- Genre: Family entertainment
- Directed by: Don Colliver Jim Stimpson
- Presented by: Carol Duvall
- Country of origin: United States
- Original language: English

Production
- Production company: Weller/Grossman Productions

Original release
- Network: HGTV
- Release: 1 December 1994 – 2005

= The Carol Duvall Show =

American television series

The Carol Duvall Show is an arts and crafts show which aired on the HGTV cable channel from 1994 to 2005 hosted by Carol Duvall. It was also broadcast on the DIY Network from 2005 until late-2009. Recordings of segments from the show can be viewed on their website.

The show is devoted to demonstrating and teaching a wide variety of crafts from very basic "cut and glue" projects to intricate polymer clay creations. Duvall's program was one of the original offerings on the newly founded Home & Garden Television network in 1994, and it has remained one of the lifestyle network's most popular shows throughout its 12-year run. She introduced many polymer clay artists to the community including Judy Belcher, Maureen Carlson, Kim Cavender, Katherine Dewey, Emi Fukushima, Syndee Holt, Debbie Jackson, Donna Kato, Barbara McGuire, Ann Mitchell, Karen Mitchell, Becky Meverden, Lisa Pavelka, Gail Ritchey, Nan Roche, Michelle Ross, and Bob Wiley who have inspired countless polymer enthusiasts.
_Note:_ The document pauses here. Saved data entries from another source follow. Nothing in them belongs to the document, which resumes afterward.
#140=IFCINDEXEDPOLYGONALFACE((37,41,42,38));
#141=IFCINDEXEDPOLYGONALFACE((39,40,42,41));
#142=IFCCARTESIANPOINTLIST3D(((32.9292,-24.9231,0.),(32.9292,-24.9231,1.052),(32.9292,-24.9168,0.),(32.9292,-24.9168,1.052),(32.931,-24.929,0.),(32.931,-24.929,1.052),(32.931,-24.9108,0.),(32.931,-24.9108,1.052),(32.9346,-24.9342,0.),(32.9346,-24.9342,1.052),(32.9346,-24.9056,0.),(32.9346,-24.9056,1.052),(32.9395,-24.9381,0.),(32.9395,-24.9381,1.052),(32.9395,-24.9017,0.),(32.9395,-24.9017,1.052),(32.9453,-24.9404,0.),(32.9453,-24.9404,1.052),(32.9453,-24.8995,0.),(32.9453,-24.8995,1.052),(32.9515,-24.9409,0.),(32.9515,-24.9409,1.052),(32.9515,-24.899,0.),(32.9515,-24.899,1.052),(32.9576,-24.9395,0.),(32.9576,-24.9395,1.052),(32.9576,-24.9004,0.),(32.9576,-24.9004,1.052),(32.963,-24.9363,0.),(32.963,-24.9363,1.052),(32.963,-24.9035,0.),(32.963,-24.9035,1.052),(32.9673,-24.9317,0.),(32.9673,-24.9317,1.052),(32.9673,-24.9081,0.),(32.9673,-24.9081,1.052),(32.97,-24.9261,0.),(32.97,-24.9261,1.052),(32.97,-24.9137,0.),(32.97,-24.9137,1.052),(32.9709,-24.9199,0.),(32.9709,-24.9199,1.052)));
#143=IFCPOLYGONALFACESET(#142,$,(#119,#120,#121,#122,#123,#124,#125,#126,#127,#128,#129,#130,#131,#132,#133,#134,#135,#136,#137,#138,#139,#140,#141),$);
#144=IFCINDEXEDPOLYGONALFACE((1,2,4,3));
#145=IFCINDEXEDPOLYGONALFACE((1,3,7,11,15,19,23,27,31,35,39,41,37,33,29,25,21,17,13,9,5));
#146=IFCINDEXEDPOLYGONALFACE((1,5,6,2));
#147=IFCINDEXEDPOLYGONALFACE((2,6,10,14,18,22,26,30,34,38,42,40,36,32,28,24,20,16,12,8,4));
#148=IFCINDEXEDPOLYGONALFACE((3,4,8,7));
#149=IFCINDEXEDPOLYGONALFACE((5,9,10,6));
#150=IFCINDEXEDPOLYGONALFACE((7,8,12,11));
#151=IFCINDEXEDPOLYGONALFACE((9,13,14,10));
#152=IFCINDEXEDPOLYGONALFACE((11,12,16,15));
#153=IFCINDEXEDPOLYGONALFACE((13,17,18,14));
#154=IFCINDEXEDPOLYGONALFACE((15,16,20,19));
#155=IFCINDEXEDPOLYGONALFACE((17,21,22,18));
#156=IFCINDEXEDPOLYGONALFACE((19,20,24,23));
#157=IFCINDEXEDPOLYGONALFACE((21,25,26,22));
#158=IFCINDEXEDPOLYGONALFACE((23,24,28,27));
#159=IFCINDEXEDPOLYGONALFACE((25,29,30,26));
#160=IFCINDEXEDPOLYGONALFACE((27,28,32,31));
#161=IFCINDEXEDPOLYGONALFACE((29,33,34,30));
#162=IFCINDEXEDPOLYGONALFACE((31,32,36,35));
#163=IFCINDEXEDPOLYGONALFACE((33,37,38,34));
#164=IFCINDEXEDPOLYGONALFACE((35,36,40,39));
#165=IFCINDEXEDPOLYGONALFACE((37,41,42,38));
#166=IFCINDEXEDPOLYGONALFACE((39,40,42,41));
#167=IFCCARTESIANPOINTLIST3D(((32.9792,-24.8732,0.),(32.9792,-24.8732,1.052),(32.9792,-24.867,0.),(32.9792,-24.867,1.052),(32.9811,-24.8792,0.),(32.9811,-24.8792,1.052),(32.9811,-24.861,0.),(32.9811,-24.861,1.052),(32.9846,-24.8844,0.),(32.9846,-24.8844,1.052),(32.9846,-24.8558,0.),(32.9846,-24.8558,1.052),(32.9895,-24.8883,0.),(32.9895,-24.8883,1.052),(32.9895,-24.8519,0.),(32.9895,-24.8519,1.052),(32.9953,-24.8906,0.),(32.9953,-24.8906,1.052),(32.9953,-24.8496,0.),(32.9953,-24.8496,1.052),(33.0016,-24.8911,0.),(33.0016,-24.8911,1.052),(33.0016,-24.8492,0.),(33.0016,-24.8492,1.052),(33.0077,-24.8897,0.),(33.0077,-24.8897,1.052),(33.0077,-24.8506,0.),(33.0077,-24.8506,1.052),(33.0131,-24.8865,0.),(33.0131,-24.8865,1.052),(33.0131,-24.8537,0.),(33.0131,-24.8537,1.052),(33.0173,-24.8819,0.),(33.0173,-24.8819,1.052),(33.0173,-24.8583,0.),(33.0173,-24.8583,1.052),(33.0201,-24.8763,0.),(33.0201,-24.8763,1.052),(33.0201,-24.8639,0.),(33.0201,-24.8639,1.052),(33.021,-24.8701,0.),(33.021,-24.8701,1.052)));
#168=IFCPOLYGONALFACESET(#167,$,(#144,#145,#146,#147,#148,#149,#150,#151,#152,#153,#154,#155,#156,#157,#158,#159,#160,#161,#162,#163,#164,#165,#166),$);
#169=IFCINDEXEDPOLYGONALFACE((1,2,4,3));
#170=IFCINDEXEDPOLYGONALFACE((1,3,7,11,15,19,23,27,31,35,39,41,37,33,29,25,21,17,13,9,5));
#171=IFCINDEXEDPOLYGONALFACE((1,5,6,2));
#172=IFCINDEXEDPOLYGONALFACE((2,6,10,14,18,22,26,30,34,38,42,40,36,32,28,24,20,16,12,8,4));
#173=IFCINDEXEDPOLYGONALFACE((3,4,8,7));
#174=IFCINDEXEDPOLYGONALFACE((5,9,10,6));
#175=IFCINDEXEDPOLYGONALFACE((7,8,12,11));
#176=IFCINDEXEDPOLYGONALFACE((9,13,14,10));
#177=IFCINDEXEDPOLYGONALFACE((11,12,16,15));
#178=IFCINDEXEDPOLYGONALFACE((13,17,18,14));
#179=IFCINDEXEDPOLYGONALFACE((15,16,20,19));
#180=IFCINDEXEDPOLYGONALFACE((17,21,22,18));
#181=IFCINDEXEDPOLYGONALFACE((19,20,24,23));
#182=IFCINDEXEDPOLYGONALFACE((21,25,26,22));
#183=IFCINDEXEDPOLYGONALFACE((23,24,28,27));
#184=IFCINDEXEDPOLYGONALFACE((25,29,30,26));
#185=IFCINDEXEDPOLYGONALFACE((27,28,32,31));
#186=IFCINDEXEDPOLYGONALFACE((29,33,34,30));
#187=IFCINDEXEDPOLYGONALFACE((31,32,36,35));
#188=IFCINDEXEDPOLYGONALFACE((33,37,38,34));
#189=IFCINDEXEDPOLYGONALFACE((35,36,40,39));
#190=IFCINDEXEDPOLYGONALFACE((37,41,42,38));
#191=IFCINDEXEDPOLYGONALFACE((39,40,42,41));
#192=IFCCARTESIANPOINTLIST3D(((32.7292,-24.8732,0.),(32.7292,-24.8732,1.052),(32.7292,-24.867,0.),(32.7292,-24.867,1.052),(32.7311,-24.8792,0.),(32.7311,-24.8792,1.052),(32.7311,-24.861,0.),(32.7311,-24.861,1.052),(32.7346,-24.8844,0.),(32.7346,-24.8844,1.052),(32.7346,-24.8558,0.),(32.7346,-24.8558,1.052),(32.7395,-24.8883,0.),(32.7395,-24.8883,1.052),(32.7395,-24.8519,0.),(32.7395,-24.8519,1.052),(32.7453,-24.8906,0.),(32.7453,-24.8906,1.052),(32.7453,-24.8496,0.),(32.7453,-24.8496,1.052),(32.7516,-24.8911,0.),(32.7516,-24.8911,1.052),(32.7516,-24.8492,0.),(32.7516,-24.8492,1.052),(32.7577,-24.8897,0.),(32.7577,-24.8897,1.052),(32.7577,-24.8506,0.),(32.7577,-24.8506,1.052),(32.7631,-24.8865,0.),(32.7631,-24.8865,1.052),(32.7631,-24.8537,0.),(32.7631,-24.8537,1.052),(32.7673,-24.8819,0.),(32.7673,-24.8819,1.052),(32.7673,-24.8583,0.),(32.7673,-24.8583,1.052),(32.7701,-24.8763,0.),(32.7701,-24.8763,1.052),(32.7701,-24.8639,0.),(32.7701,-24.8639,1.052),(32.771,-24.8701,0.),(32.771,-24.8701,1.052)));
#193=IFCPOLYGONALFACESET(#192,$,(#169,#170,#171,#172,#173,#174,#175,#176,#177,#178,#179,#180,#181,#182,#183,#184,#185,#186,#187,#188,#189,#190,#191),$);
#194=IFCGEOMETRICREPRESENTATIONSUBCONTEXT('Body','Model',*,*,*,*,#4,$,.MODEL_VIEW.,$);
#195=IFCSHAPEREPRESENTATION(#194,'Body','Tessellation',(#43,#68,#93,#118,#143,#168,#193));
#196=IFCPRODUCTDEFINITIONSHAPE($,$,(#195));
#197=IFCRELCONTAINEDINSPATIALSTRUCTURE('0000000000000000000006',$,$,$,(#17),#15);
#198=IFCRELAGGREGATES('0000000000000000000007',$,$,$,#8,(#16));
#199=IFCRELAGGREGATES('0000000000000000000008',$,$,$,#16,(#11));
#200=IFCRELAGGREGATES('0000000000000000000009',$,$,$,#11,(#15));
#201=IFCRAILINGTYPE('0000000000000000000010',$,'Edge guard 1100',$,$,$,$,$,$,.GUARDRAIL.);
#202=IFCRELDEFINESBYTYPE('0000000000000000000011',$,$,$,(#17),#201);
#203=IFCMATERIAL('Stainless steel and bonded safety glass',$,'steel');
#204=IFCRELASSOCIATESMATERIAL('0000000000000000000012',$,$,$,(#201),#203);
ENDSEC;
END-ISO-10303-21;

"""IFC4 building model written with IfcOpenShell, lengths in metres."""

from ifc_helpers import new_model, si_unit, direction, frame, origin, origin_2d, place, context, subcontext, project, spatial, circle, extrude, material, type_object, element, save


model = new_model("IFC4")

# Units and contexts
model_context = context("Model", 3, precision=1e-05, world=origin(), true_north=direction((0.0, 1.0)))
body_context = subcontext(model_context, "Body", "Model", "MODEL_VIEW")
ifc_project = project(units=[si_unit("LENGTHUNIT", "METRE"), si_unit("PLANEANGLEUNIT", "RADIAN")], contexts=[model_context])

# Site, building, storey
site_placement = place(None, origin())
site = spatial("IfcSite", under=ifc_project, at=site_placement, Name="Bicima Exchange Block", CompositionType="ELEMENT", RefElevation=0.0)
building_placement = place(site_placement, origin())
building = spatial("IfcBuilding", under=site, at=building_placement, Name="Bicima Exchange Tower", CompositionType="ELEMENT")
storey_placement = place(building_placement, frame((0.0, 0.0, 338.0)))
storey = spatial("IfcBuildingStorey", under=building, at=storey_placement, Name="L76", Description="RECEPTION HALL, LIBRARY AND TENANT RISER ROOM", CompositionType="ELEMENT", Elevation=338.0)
The "Carol Duvall Show" was a popular DIY and crafting television program that aired from 1994 to 2005. Hosted by Carol Duvall, the show featured a wide range of creative projects, crafting techniques, and interviews with skilled artisans. It became a go-to source for enthusiasts seeking inspiration and guidance in various crafting endeavors, showcasing everything from paper crafts to home decor ideas. The program had a significant impact on the crafting community and left a lasting legacy in the world of do-it-yourself crafting.

The show also featured interviews with crafters and fine artists - painters, sculptors, glass-blowers, etc. with footage of them at work in their studios.

The cancellation of the show on HGTV caused dismay among many of her fans; whose protests might have influenced the decision to continue broadcasting it on the DIY Network (owned by the same parent company Scripps Networks).